Ditto... I just tried to accept it's presence and use it like energy to change my lot in life. Also, by accepting it and "why", I don't feel that need to take it out on anyone. I can't change the past, but I can be angry about and use it so it will not be repeated.


----------



## FrustratedFL (May 18, 2011)

Anger is the THE hardest part for me. I have gone through the stages of grief but anger is the hardest part for me. Between me having to deal with the infidelity, the total abandonment of ALL parental and financial responsibility from a 16 year marriage and the lack of remorse. Anger has consumed me. 
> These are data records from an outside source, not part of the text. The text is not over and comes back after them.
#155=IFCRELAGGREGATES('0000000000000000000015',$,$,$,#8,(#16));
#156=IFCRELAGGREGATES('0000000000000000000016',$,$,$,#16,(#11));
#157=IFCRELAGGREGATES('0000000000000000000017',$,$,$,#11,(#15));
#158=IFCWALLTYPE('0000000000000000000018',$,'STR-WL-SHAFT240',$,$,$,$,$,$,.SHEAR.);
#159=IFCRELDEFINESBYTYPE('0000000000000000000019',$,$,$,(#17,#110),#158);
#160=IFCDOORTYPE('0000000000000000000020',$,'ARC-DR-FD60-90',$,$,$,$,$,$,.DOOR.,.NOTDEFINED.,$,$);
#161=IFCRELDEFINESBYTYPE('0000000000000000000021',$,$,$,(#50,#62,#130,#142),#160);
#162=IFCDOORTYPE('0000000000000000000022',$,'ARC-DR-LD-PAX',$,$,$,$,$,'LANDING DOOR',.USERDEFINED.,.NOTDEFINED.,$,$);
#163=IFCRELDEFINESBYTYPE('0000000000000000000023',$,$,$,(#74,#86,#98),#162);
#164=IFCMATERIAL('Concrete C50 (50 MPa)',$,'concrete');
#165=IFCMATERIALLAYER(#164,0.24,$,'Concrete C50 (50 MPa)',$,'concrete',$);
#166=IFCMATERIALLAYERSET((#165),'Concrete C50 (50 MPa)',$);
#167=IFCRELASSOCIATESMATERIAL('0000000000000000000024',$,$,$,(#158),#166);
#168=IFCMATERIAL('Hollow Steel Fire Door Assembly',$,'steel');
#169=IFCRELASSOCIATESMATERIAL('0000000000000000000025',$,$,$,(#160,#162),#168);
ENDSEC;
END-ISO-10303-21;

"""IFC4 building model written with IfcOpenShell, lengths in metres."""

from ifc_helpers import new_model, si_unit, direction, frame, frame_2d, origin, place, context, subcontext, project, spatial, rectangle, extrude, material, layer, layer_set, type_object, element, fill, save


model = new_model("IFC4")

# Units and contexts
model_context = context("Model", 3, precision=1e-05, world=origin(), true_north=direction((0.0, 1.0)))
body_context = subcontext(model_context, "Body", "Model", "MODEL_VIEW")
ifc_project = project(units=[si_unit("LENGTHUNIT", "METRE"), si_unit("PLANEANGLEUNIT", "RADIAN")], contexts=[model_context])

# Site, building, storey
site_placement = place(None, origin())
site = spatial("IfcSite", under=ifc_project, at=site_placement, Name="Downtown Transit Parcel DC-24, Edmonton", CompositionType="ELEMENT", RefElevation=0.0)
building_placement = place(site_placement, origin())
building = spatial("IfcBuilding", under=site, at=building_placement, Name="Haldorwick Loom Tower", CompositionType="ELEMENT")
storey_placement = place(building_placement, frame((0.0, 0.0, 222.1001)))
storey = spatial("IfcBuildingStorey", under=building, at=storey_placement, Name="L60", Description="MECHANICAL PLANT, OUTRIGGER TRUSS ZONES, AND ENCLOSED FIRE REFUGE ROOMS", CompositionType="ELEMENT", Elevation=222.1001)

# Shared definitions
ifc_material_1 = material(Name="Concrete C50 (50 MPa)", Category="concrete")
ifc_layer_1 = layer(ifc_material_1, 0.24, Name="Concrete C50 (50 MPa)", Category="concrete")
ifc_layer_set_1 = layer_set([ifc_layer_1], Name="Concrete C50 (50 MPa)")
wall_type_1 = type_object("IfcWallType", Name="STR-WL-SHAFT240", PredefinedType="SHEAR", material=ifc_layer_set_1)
I am trying all outlets... therapy, 180 plan, acceptance of present situation but still very angry.. Advice??


----------



## Homemaker_Numero_Uno (Jan 18, 2011)

All anger is shake-able. When you lose the paradigm of anger you cannot shake, you will be able to deal with the anger. Anger will eat you up inside and cause health problems. You are angry about something that happened in the past, that affected your perceptions and beliefs about the future that were probably completely unfounded if you really go back and assess the situation again from the prior point of perspective. I can see being angry about things that are happening in the moment, and dealing with that anger in a way that you don't hold on to it. but holding onto anger about stuff that happened in the past? The only person that really cares about that is you. Anger is a lonely place to be. Eventually you will be angry about being angry. At that point, you will realize that in order to stop being angry, you have to let go of the original 'anger' package from the past. Being angry about being angry is probably the best place to start. That's my only advice. If you can be angry at the anger, then you can do something about it. In order to stop the new wave of anger, you will find that you really do have to figure out a way to eradicate the original anger from the past, that only has meaning for you, and really, only had meaning in the past as it pertained to your expectations (predictions, crystal ball beliefs) about the future and what you thought you knew about your reality at that time.


----------



## Summer4744 (Oct 15, 2012)

Harken. Are you still with WW or are you separated?


----------



## cantthinkstraight (May 6, 2012)

Something an old friend told me a while back that's always
stuck with me over the years was "nobody _makes_ you angry, you _choose_ to get angry."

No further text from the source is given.